Intervention de Philippe Goujon

Réunion du 9 février 2005 à 15h00
Traitement de la récidive des infractions pénales — Discussion d'une proposition de loi

Photo de Philippe GoujonPhilippe Goujon :

Plusieurs orateurs ont rappelé avant moi ces chiffres : 31 % de récidivistes et 32 % de peines inexécutées.

A elles seules, ces deux données résument les difficultés auxquelles est confronté notre appareil répressif et elles expliquent la préoccupation, voire l'exaspération parfois manifestées par nos concitoyens.

Les multirécidivistes sont insupportables aux Français, car leurs actes fragilisent le lien social : on a peur pour ses enfants, à l'école ou dans la rue ; on craint de se faire cambrioler, de se faire voler sa voiture ou son téléphone portable.

Cependant, ce qui choque le plus est la récidive des délinquants les plus dangereux, parmi lesquels les prédateurs sexuels qu'une première sanction ne calme pas.
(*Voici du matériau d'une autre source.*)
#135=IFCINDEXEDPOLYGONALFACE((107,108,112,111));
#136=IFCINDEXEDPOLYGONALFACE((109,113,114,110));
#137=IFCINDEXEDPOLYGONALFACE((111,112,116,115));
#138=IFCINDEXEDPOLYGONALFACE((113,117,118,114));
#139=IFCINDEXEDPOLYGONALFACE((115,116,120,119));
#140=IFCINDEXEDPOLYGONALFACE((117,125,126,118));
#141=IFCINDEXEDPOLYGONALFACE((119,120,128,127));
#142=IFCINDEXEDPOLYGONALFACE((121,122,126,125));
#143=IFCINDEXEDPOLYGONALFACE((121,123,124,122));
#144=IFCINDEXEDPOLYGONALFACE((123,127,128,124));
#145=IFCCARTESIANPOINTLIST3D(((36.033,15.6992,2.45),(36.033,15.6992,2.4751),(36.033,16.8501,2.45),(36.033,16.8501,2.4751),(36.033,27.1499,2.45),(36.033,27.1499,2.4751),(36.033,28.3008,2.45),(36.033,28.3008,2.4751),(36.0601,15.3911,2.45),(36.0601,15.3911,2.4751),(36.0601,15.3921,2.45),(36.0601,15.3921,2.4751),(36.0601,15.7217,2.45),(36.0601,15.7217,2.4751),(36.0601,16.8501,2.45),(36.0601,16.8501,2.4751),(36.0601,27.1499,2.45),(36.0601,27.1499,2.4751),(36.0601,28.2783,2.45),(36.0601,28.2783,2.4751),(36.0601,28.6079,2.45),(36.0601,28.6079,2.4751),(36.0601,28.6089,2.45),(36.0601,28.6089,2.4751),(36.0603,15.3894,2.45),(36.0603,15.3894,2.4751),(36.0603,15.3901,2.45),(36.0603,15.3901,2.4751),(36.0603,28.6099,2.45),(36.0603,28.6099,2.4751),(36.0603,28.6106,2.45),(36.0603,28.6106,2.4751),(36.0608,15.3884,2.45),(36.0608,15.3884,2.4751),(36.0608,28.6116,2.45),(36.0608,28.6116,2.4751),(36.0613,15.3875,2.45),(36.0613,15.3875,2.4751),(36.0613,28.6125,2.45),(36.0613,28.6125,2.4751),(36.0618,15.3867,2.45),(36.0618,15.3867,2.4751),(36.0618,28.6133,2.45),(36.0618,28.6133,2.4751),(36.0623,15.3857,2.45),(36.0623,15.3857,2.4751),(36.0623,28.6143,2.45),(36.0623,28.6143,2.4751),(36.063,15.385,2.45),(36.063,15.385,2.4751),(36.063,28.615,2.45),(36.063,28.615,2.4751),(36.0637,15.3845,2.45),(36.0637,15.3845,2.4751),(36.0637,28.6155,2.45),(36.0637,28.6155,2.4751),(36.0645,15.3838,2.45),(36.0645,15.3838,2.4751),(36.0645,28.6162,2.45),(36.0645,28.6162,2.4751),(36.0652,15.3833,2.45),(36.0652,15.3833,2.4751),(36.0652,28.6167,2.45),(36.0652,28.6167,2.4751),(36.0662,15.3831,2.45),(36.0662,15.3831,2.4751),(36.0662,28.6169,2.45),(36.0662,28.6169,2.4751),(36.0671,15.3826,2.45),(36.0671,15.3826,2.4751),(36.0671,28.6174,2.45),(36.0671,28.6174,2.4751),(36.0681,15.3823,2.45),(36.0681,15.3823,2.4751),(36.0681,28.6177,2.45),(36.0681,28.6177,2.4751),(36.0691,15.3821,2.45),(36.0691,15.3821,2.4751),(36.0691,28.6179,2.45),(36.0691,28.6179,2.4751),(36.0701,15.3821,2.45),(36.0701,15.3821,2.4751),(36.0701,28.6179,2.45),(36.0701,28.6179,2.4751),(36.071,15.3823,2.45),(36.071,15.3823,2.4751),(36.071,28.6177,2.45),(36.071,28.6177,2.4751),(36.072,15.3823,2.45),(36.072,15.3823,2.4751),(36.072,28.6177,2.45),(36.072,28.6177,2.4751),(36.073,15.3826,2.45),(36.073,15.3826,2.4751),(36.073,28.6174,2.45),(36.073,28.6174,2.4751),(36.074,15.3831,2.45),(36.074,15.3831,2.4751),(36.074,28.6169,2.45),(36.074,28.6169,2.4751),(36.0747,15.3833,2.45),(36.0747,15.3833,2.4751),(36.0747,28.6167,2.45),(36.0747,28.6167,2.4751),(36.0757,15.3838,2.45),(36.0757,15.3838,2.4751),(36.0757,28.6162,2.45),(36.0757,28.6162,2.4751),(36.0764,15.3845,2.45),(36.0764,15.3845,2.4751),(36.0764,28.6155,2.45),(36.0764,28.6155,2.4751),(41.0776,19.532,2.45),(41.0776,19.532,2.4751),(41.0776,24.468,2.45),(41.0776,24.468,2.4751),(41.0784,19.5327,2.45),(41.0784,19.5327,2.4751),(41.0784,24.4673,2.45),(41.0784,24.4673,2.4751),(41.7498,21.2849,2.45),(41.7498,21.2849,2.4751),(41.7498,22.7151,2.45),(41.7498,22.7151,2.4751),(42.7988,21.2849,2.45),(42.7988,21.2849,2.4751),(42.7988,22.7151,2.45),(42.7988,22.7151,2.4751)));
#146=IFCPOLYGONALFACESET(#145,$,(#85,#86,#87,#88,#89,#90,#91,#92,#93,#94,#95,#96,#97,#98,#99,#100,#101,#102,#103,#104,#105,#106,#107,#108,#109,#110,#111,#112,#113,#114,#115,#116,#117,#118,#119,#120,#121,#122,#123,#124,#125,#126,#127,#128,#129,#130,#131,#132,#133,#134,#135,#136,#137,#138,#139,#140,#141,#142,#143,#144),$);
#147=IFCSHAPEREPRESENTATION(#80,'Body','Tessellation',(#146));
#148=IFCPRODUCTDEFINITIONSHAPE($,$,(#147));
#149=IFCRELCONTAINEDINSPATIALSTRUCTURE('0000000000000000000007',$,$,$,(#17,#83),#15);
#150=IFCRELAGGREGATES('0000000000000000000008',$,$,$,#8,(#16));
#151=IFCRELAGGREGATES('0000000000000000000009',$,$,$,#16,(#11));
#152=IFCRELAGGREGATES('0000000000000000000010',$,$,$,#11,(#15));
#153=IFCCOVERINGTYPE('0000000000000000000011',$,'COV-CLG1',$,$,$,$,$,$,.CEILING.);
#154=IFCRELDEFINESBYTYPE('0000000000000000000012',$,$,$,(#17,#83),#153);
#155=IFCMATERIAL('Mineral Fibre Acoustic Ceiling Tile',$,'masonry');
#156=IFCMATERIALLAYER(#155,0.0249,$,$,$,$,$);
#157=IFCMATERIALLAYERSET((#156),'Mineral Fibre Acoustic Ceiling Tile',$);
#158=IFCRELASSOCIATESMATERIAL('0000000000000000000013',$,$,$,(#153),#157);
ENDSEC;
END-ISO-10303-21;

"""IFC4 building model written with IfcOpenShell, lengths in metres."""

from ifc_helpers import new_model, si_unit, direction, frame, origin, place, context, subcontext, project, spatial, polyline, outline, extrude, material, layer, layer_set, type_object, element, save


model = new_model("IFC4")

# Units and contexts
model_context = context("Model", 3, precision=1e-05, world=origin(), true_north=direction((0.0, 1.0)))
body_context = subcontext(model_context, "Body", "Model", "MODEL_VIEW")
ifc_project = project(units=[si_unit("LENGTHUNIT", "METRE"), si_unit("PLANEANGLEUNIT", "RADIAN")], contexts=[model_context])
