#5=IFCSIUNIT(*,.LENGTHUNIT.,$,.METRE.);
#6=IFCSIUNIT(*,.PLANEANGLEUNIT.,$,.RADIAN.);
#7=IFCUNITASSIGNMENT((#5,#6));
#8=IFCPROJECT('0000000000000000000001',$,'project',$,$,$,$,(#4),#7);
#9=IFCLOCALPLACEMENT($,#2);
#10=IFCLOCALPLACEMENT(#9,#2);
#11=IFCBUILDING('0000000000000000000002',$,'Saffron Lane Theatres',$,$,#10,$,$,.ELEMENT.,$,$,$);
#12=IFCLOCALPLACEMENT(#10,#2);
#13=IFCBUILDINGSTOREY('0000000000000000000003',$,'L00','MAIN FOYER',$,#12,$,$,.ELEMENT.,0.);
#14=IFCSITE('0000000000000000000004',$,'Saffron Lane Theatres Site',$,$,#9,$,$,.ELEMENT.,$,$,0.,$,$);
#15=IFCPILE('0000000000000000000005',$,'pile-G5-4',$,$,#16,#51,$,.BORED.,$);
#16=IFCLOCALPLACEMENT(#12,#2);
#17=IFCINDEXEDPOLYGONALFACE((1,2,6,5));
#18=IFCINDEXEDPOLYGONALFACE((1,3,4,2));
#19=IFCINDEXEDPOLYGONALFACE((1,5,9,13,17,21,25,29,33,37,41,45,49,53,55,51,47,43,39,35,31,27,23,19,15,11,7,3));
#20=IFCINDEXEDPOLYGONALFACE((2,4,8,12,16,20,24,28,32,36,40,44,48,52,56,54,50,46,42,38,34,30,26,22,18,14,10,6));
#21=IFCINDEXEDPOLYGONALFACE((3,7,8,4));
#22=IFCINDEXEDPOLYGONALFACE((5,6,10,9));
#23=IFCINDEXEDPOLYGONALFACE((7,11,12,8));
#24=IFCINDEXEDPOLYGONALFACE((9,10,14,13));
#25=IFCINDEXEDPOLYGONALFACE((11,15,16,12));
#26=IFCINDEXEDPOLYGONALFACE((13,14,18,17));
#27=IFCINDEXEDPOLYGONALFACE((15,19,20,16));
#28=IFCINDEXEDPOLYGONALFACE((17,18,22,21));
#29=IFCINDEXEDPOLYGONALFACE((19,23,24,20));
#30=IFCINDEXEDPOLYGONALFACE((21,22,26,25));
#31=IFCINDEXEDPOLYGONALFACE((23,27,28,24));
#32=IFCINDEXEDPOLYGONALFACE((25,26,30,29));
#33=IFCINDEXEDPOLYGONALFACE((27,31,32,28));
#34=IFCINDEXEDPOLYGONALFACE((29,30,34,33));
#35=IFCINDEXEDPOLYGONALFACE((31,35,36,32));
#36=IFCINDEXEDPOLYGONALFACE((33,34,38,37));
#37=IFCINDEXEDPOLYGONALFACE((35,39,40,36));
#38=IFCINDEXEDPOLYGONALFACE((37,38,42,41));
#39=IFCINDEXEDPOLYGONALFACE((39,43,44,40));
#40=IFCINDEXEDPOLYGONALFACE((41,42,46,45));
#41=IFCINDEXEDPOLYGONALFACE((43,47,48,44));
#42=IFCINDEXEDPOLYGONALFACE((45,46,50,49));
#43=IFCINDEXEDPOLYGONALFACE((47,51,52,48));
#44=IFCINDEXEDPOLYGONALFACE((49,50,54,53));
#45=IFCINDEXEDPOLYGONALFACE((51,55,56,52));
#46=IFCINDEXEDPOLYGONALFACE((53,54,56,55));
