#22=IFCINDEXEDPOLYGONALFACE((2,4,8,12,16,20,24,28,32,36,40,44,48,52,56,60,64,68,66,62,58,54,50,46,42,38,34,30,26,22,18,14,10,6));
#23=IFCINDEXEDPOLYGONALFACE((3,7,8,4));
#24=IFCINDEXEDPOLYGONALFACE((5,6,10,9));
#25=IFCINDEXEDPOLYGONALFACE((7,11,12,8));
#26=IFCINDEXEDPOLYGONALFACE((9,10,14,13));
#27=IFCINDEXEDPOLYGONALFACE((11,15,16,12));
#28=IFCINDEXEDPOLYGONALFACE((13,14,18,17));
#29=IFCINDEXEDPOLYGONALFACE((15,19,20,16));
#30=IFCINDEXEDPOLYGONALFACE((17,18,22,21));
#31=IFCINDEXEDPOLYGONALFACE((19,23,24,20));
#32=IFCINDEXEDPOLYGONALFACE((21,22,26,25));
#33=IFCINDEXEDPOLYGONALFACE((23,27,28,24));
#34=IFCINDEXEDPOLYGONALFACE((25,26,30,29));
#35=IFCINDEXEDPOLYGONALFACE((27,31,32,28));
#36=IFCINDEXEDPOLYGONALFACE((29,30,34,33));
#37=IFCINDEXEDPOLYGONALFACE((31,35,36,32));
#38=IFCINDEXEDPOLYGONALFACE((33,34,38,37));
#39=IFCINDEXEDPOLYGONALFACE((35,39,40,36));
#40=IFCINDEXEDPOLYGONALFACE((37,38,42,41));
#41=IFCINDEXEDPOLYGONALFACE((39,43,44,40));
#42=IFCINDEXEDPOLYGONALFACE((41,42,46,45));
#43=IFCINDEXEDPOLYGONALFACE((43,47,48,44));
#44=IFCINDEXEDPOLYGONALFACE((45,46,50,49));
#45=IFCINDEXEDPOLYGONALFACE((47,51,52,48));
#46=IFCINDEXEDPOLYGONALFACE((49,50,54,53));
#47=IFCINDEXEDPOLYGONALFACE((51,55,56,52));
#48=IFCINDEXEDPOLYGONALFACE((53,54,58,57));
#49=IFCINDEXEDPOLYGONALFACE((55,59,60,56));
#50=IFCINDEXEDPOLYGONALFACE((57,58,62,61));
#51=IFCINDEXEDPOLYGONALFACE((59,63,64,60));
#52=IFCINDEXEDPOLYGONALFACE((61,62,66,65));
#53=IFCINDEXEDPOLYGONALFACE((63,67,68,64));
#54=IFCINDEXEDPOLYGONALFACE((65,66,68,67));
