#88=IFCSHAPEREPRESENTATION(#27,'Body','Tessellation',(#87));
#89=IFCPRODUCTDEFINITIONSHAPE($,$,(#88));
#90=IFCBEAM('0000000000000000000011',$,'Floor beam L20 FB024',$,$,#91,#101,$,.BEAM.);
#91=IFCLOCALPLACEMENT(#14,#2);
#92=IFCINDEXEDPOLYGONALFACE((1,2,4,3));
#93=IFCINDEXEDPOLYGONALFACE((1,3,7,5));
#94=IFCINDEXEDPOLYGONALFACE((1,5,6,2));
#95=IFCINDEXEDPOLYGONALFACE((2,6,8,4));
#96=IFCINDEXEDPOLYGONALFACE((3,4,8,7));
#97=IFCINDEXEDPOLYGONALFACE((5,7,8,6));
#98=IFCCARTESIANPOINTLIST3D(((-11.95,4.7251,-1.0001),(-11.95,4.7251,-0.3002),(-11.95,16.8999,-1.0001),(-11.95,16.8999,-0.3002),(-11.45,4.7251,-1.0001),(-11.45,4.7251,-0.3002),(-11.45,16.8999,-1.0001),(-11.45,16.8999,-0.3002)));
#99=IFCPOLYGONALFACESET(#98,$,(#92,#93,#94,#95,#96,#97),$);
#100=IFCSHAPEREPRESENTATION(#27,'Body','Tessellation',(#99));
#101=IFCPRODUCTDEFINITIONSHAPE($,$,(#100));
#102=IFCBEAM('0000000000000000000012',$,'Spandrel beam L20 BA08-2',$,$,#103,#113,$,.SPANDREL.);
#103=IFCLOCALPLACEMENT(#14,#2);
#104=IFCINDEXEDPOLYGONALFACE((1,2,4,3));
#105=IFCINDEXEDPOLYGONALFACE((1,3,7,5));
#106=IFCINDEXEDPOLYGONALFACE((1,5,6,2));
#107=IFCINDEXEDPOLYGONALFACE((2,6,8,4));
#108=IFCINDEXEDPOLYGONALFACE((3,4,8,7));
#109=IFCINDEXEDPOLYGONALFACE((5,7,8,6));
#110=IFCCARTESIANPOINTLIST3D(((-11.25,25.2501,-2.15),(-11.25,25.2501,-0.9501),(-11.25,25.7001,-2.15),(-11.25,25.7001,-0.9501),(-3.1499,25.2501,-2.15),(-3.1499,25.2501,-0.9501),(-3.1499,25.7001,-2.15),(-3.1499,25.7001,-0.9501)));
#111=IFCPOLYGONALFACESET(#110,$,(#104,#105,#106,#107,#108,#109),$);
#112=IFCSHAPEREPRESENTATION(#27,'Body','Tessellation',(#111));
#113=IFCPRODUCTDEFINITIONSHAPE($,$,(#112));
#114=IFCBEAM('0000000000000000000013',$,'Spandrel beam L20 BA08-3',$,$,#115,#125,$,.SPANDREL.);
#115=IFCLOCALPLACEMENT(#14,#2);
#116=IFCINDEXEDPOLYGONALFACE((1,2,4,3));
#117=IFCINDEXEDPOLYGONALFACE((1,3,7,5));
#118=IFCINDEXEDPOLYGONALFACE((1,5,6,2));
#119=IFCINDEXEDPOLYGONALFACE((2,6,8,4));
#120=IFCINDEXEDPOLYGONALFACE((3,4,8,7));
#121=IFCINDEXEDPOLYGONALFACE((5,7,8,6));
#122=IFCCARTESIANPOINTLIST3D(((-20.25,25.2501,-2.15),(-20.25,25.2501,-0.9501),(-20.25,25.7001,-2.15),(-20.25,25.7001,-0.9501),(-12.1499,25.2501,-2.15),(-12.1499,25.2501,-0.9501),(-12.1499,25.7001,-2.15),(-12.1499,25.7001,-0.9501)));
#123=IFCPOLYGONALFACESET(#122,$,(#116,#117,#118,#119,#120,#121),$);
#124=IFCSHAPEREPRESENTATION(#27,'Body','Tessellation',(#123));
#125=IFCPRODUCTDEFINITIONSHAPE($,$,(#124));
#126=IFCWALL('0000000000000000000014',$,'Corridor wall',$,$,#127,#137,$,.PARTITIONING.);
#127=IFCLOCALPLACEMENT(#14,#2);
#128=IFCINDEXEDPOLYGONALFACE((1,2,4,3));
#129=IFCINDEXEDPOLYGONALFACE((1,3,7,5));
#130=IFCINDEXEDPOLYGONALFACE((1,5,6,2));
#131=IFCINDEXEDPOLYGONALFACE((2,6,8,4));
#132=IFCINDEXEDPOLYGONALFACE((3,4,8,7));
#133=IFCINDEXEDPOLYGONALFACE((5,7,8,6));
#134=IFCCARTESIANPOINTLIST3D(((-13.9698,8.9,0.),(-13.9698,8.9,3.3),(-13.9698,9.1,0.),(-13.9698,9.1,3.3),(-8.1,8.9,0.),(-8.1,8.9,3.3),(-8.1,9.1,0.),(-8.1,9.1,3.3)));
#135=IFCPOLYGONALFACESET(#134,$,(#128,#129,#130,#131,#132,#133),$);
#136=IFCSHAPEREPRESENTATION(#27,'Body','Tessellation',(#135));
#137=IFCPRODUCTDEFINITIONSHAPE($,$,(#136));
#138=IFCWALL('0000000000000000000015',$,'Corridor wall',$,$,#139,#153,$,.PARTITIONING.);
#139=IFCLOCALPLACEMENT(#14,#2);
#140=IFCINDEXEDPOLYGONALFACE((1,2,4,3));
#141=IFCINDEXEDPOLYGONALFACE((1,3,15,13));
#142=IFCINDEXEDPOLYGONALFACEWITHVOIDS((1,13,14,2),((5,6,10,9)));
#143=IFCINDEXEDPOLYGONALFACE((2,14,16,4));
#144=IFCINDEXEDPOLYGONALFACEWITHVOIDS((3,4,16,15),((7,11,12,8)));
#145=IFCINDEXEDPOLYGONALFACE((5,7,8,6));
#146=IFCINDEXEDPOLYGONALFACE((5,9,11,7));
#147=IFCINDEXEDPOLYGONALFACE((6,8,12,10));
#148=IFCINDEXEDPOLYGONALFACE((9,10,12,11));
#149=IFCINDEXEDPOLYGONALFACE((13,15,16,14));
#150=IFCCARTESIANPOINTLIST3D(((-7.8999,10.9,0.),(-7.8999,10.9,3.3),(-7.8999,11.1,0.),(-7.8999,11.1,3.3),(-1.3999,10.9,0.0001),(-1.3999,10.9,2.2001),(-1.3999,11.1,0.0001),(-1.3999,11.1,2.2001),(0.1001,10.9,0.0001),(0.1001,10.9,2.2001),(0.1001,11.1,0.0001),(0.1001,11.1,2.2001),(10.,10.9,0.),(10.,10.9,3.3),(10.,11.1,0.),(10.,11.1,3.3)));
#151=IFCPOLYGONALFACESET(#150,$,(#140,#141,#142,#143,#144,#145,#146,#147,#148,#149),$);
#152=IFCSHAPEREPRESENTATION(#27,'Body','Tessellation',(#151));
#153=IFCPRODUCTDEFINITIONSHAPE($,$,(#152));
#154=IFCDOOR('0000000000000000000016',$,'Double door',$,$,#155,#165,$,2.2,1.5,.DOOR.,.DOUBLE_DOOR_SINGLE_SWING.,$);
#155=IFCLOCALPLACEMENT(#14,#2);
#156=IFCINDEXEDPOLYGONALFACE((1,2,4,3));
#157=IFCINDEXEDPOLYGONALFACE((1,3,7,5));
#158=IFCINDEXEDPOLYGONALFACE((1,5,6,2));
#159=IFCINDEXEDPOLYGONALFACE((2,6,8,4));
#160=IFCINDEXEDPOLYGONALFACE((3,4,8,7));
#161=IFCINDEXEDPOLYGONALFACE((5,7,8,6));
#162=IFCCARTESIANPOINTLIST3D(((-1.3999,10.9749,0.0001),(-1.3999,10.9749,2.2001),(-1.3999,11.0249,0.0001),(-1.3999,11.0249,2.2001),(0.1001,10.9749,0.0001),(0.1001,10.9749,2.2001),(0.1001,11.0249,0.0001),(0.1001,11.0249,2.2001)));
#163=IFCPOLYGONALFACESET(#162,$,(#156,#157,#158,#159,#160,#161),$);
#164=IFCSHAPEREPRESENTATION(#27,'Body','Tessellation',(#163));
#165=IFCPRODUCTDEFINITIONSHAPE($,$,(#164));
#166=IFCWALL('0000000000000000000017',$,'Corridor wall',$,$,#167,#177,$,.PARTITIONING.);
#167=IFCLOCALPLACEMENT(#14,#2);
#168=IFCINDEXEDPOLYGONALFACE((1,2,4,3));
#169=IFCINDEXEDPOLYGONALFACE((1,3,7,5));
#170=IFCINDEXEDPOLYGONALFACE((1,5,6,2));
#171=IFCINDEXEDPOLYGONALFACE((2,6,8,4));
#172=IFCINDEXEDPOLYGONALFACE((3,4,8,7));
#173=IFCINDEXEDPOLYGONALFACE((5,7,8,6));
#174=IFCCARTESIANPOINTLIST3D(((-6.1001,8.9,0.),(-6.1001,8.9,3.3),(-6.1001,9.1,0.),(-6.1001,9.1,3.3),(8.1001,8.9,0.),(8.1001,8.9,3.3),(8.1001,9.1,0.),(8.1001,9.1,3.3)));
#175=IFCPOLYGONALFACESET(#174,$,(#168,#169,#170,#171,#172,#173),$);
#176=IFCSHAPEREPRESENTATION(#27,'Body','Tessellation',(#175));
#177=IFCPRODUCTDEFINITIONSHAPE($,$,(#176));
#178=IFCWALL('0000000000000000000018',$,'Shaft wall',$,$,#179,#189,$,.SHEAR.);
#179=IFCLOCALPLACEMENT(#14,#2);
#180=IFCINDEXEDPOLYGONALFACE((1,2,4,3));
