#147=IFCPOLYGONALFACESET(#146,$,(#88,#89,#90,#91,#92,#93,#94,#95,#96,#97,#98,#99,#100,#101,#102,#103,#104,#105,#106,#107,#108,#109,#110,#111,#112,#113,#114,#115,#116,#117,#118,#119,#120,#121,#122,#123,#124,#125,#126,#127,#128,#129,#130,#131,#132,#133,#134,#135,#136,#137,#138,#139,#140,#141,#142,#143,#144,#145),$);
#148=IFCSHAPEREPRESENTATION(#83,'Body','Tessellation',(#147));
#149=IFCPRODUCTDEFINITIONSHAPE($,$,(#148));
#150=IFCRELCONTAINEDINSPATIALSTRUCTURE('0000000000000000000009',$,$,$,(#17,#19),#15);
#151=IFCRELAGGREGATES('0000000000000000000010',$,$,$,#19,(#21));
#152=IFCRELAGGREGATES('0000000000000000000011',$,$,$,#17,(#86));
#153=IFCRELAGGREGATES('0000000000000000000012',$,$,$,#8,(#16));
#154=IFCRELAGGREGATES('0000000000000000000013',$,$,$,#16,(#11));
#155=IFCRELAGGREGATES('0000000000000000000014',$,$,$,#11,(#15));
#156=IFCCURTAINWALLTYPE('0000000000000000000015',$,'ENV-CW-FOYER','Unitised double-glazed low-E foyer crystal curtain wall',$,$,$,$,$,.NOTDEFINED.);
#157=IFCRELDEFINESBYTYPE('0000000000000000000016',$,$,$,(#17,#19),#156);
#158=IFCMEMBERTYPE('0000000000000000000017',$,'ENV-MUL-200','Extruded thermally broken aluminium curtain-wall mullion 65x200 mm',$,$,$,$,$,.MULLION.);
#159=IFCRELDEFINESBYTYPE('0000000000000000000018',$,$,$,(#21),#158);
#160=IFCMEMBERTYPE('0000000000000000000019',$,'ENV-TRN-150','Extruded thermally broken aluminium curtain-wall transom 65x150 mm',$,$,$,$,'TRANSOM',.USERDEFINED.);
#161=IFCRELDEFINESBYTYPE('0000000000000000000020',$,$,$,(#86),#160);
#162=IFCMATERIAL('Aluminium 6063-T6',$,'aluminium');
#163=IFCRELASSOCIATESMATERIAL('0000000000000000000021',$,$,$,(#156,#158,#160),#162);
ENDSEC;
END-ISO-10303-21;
Nous avons tous présents à l'esprit les noms des bourreaux de ces enfants, de ces adolescentes qui, en 2004, ont été les victimes innocentes de la récidive. On évoque 1, 5 % seulement de récidive à ce titre : 300 individus environ sont donc concernés, ce qui paraît peu, mais pas pour les parents des victimes !

Dès lors, comment ne pas s'interroger sur les causes des dysfonctionnements et ne pas s'inquiéter du sentiment d'impunité que ces dysfonctionnements nourrissent chez les délinquants ?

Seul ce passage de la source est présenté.